Even if it weren’t because of the talking, this is a deal breaker, too. And here I am telling myself, I’ll just have to wait. I don’t want to wait. I hate waiting.

I have the fire pit. I have a pile of fire fodder stacked in the living room.


I’m going to go put myself together. Then I’ll think more about it all.


I don’t have much food left because I haven’t shopped because my check is MIA.

*****

I’m dressed, I’ve eaten, I’ve had water. Breakups ups aren’t supposed to hurt like this. At least, they never have before. Usually I pack my stuff and sneak away at some point and let my absence do the talking. I’ve never felt like this.


Starting just yesterday with the Slap of abandonment, I’m really hurting. I’m feeling something like regret but I know that I’ve done the right thing. Remorse? Same thing, right. I wish I could just see that he’s feeling bad too but I don’t think he is.

 

So, what does that mean? I’m not sorry. If I think about my trio of emotions, guilt, shame and fear. I’m not afraid. Is this guilt? Is it shame? I understand the feeling of lowering my head, looking at my feet, and not wanting to look up. I don’t feel that tho. Or, maybe?
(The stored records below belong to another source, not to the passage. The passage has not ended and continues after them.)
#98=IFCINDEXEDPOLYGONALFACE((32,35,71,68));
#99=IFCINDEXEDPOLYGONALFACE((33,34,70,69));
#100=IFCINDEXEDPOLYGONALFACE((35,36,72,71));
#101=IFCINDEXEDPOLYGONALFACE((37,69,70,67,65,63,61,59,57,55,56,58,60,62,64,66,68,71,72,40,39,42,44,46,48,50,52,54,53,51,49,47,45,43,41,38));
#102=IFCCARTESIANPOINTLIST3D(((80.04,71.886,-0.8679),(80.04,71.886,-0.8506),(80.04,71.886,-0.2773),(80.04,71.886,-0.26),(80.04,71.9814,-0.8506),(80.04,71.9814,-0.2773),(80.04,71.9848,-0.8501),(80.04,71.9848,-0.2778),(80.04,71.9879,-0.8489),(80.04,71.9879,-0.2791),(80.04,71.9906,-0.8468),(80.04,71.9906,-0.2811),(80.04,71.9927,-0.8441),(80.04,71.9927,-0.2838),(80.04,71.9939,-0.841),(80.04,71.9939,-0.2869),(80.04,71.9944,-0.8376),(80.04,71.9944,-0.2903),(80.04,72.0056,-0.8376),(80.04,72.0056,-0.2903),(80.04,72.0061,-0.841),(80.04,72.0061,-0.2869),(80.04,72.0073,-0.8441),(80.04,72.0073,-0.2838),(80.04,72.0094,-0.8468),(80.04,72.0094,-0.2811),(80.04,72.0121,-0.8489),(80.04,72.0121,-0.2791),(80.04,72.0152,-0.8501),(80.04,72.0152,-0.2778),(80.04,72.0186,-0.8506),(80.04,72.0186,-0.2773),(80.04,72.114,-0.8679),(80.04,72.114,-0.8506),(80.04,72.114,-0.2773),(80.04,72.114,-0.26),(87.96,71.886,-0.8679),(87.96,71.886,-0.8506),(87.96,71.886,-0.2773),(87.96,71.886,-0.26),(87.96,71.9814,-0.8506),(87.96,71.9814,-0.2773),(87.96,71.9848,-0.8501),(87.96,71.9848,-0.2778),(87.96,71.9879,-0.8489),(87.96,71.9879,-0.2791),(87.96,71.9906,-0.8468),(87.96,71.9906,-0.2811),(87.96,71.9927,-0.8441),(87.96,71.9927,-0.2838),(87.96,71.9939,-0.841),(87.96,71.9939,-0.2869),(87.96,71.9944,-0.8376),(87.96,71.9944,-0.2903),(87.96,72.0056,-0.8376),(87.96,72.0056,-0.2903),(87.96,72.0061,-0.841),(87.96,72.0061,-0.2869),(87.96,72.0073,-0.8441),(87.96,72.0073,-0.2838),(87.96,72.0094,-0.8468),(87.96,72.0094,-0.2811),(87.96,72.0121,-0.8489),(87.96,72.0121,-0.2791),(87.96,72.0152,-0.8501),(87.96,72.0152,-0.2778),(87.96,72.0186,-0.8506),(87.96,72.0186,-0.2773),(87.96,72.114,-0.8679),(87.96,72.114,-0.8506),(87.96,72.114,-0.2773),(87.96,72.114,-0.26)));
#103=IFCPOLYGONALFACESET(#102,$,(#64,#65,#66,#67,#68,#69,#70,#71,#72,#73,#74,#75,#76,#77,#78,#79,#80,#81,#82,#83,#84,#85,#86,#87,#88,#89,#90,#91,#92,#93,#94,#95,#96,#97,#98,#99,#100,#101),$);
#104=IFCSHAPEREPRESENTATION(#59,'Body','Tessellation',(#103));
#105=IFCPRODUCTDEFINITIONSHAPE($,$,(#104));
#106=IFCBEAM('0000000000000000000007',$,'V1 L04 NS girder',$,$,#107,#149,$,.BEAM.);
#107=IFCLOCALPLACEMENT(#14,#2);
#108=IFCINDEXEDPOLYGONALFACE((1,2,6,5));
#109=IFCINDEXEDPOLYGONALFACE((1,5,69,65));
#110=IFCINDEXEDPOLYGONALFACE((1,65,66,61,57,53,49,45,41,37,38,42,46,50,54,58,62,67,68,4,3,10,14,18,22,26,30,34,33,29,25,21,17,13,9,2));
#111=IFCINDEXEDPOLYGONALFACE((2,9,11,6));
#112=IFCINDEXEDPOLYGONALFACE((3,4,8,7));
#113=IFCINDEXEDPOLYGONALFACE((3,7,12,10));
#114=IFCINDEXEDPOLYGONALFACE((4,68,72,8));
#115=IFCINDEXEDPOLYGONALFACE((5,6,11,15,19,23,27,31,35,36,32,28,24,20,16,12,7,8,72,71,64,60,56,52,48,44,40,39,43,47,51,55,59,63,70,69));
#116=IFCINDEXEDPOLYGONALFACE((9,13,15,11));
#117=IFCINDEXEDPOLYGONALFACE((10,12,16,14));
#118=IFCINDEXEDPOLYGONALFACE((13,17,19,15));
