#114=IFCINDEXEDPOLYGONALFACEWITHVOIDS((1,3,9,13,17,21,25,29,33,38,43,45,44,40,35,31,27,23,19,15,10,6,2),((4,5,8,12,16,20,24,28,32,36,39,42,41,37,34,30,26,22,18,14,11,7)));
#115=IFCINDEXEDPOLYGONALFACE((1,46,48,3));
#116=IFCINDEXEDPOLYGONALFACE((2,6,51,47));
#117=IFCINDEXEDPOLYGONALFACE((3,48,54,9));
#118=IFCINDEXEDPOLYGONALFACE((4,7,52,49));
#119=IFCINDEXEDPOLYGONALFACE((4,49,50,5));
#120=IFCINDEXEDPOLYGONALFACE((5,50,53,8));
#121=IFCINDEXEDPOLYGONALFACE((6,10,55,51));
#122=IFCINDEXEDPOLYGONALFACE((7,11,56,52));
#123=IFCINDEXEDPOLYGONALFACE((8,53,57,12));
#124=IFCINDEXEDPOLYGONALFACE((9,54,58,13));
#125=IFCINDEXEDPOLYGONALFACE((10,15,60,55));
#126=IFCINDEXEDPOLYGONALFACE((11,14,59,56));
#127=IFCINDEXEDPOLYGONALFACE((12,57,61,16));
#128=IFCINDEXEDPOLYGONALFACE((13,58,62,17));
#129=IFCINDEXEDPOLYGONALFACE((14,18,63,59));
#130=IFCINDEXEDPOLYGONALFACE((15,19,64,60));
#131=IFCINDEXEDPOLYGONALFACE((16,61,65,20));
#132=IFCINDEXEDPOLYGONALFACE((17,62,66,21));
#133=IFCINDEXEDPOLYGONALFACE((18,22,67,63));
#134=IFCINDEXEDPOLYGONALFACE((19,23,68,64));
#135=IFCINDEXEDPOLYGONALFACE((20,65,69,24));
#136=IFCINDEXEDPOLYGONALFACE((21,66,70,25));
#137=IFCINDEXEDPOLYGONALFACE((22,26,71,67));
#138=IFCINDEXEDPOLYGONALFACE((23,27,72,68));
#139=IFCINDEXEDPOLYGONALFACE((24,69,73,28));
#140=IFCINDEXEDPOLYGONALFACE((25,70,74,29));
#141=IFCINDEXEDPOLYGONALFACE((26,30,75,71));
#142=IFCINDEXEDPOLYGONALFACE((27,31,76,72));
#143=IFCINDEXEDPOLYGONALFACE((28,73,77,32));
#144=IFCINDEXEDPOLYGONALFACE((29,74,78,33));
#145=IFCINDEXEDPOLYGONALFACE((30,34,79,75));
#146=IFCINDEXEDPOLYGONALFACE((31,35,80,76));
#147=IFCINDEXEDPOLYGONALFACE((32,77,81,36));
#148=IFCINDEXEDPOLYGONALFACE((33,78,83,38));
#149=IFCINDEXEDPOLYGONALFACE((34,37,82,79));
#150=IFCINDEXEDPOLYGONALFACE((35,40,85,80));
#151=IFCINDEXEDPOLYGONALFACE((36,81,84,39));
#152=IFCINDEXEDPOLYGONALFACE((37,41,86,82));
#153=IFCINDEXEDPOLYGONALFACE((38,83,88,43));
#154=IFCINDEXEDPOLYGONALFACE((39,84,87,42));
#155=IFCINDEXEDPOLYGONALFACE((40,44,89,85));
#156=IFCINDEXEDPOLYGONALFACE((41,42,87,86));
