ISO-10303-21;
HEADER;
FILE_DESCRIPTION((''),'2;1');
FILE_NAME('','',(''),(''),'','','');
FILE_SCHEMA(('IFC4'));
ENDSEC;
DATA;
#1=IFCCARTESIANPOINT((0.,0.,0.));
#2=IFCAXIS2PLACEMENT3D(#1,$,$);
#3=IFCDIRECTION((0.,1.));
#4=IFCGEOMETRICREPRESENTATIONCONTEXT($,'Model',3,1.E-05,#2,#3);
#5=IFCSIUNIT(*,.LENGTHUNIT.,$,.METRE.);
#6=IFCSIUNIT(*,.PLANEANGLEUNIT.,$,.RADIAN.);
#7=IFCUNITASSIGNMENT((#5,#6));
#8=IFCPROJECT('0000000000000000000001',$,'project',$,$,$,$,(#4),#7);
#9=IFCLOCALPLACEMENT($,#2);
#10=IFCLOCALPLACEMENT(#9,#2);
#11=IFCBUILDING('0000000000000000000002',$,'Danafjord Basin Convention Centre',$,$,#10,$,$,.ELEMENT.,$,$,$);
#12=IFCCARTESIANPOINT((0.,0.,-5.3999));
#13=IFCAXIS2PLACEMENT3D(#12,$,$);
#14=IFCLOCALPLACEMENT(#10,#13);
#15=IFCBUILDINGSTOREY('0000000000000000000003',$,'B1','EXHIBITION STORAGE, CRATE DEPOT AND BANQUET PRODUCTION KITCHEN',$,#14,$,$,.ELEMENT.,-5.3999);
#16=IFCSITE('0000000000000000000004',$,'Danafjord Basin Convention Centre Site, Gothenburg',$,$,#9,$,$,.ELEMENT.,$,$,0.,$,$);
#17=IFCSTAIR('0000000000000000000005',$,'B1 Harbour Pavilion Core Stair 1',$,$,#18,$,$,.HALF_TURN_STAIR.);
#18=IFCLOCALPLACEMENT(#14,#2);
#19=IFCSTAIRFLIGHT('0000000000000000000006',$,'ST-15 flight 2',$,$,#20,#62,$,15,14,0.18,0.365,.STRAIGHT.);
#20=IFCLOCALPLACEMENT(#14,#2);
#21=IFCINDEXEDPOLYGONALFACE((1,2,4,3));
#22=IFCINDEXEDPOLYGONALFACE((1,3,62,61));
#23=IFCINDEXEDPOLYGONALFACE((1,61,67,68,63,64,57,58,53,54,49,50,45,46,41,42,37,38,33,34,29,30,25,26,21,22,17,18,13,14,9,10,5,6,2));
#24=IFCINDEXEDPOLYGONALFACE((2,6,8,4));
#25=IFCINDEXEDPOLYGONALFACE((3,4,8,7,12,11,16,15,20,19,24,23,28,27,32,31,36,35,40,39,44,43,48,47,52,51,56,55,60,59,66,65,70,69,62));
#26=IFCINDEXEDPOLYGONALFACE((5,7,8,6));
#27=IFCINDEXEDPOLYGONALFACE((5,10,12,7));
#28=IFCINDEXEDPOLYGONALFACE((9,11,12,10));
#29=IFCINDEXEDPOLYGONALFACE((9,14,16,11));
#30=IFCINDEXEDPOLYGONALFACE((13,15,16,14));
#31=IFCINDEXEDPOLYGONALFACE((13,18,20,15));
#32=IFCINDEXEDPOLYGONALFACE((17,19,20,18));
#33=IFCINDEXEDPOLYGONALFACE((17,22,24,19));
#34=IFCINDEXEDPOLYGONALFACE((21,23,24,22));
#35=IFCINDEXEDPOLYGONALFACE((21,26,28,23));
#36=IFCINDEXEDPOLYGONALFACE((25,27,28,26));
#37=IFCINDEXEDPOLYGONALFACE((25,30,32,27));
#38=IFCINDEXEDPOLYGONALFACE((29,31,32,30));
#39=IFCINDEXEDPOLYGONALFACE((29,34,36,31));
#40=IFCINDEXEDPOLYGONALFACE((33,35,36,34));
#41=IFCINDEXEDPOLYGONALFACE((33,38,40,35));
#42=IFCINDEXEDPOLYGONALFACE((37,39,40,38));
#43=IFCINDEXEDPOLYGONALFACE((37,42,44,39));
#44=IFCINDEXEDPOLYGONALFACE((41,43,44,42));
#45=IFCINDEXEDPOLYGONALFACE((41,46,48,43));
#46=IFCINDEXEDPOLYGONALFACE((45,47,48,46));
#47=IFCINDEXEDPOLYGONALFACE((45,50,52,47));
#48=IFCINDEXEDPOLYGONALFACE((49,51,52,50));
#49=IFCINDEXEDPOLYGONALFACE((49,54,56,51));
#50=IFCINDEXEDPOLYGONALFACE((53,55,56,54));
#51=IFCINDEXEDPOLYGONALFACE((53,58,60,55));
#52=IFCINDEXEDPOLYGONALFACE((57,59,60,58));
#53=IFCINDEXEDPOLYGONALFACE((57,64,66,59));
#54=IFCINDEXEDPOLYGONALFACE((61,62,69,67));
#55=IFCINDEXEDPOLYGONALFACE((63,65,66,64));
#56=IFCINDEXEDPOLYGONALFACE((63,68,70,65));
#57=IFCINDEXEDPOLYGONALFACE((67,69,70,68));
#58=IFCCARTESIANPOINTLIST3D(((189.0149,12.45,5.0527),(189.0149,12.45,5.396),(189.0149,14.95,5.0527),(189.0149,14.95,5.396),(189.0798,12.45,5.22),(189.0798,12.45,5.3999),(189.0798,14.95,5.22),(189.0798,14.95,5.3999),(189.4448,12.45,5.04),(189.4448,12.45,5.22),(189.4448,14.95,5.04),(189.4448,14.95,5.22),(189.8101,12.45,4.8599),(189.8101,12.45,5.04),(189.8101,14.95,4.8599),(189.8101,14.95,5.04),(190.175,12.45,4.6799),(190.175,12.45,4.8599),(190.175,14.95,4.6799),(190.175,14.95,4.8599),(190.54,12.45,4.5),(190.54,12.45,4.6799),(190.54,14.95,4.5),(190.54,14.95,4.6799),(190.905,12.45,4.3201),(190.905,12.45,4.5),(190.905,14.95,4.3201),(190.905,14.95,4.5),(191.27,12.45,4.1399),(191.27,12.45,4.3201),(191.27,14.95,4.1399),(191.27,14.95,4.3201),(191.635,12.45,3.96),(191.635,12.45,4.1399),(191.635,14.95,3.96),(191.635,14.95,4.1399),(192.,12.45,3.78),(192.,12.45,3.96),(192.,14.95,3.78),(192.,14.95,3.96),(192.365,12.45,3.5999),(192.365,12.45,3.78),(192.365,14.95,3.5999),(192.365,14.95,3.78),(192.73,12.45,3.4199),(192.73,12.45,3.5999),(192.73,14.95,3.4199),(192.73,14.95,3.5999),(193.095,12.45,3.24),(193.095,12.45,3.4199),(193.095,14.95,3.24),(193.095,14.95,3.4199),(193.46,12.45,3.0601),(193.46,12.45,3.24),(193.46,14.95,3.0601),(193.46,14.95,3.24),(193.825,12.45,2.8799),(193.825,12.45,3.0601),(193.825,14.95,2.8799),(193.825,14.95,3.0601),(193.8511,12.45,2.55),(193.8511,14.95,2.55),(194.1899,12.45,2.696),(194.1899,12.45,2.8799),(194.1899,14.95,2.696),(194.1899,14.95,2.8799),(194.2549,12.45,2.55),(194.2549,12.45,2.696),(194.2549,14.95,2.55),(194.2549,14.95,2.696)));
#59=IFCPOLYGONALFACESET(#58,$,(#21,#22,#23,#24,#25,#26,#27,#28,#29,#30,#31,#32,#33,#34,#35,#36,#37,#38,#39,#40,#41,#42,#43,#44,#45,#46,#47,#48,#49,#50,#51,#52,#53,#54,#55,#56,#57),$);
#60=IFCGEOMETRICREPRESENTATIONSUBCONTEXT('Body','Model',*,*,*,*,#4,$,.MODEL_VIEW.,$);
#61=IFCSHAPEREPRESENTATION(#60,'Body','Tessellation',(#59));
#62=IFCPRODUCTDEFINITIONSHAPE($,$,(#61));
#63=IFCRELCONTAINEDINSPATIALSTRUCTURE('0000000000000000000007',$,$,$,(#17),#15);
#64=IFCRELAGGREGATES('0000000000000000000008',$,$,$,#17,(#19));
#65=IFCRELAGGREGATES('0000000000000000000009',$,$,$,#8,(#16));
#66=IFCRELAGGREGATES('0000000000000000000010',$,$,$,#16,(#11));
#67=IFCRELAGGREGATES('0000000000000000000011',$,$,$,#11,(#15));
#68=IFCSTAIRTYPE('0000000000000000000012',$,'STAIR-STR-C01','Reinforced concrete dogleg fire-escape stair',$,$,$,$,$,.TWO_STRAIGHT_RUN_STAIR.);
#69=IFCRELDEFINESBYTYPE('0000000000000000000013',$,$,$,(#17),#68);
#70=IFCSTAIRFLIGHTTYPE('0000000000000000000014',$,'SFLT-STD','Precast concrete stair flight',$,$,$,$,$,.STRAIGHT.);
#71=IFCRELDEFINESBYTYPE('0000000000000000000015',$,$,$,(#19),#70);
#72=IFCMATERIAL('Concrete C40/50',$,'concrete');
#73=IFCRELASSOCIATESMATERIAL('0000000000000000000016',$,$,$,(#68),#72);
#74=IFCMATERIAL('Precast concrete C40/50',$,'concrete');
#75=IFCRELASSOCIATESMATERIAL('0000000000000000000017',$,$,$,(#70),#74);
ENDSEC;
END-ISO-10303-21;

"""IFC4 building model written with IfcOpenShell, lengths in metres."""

from ifc_helpers import new_model, si_unit, direction, frame, origin, place, context, subcontext, project, spatial, polyline, outline, extrude, material, type_object, element, aggregate, save


model = new_model("IFC4")

# Units and contexts
model_context = context("Model", 3, precision=1e-05, world=origin(), true_north=direction((0.0, 1.0)))
body_context = subcontext(model_context, "Body", "Model", "MODEL_VIEW")
ifc_project = project(units=[si_unit("LENGTHUNIT", "METRE"), si_unit("PLANEANGLEUNIT", "RADIAN")], contexts=[model_context])

# Site, building, storey
site_placement = place(None, origin())
site = spatial("IfcSite", under=ifc_project, at=site_placement, Name="Danafjord Basin Convention Centre Site, Gothenburg", CompositionType="ELEMENT", RefElevation=0.0)
building_placement = place(site_placement, origin())
building = spatial("IfcBuilding", under=site, at=building_placement, Name="Danafjord Basin Convention Centre", CompositionType="ELEMENT")
storey_placement = place(building_placement, frame((0.0, 0.0, -5.3999)))
storey = spatial("IfcBuildingStorey", under=building, at=storey_placement, Name="B1", Description="EXHIBITION STORAGE, CRATE DEPOT AND BANQUET PRODUCTION KITCHEN", CompositionType="ELEMENT", Elevation=-5.3999)

# Shared definitions
ifc_material_1 = material(Name="Concrete C40/50", Category="concrete")

# Stair, stair flight
stair_type = type_object("IfcStairType", Name="STAIR-STR-C01", Description="Reinforced concrete dogleg fire-escape stair", PredefinedType="TWO_STRAIGHT_RUN_STAIR", material=ifc_material_1)
stair_placement = place(storey_placement, origin())
stair = element("IfcStair", 1, at=stair_placement, inside=storey, type_object=stair_type, Name="B1 Harbour Pavilion Core Stair 1", PredefinedType="HALF_TURN_STAIR")
ifc_material_2 = material(Name="Precast concrete C40/50", Category="concrete")
stair_flight_type = type_object("IfcStairFlightType", Name="SFLT-STD", Description="Precast concrete stair flight", PredefinedType="STRAIGHT", material=ifc_material_2)
stair_flight_1_placement = place(storey_placement, frame((194.1899, 13.7, 2.7), z_axis=(0.0, 0.0, 1.0), x_axis=(-1.0, 0.0, 0.0)))
stair_flight_1 = element("IfcStairFlight", 2, at=stair_flight_1_placement, type_object=stair_flight_type, Name="ST-15 flight 2", NumberOfRisers=15, NumberOfTreads=14, PredefinedType="STRAIGHT", RiserHeight=0.18, TreadLength=0.365, context=body_context, shape_type="SweptSolid", body=[
    extrude(outline(polyline([(-0.0649, -0.1499), (-0.0649, -0.0039), (0.0, -0.0039), (0.0, 0.1799), (0.365, 0.1799), (0.365, 0.3601), (0.73, 0.3601), (0.73, 0.54), (1.095, 0.54), (1.095, 0.72), (1.46, 0.72), (1.46, 0.8999), (1.825, 0.8999), (1.825, 1.0801), (2.1899, 1.0801), (2.1899, 1.26), (2.5549, 1.26), (2.5549, 1.4399), (2.9199, 1.4399), (2.9199, 1.6201), (3.2849, 1.6201), (3.2849, 1.8), (3.6499, 1.8), (3.6499, 1.98), (4.0149, 1.98), (4.0149, 2.1599), (4.3799, 2.1599), (4.3799, 2.3401), (4.7451, 2.3401), (4.7451, 2.52), (5.1101, 2.52), (5.1101, 2.7), (5.175, 2.696), (5.175, 2.3528), (0.3389, -0.1499), (-0.0649, -0.1499)])), frame((0.0, 1.25, 0.0), z_axis=(0.0, -1.0, 0.0), x_axis=(1.0, 0.0, 0.0)), (0.0, 0.0, 1.0), 2.5),
])
aggregate(stair, [stair_flight_1])

save(model, "model.ifc")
I understand sad and I am feeling that. I’m sad because I’m hurting. I don’t understand the hurt. I’m not hurting because of Tom. I’m hurting because he’s having a laugh riot with his ‘girls’. Why do the girls always come first? That sentence hurt.  


Shouldn’t I come first? I don’t believe so. But I should be on that ladder right? I think. Somewhere like maybe even equal. Equal feels like a good word. Equal. I’m hurting because I don’t feel equal. That’s true.


I was just walking to the kitchen and saying, ‘Im sure you caught up on their lives, their kids, their wants and hey, Della, POOF (I kicked) get out my way. I’m exhausted. Get out my way is a phrase that a man from a previous world used a lot. He used it when he needed to get his 5’ 7” butt past his dramatically taller employees. ‘Git out m,way’


But wait. If I’m his girlfriend, is equal where I want to be? I’m thinking about a song I love ‘All I wanna be is somebody to you”. Yes, I want to be somebody also. I want to go to Acapulcos to see the people who, I guess, will always matter most.


I’m exhausted. I know exhausted, it’s part of overwhelm which is something we talked about in therapy. I’m not overwhelmed tho. Its different. It must be exhausted.


YKW, I don’t want to restore my relationship with Tom so why am I wasting all this time. Its done. Its over. I need to move on. I hope Tom is checking with his girls to be sure one of them won’t let him die alone.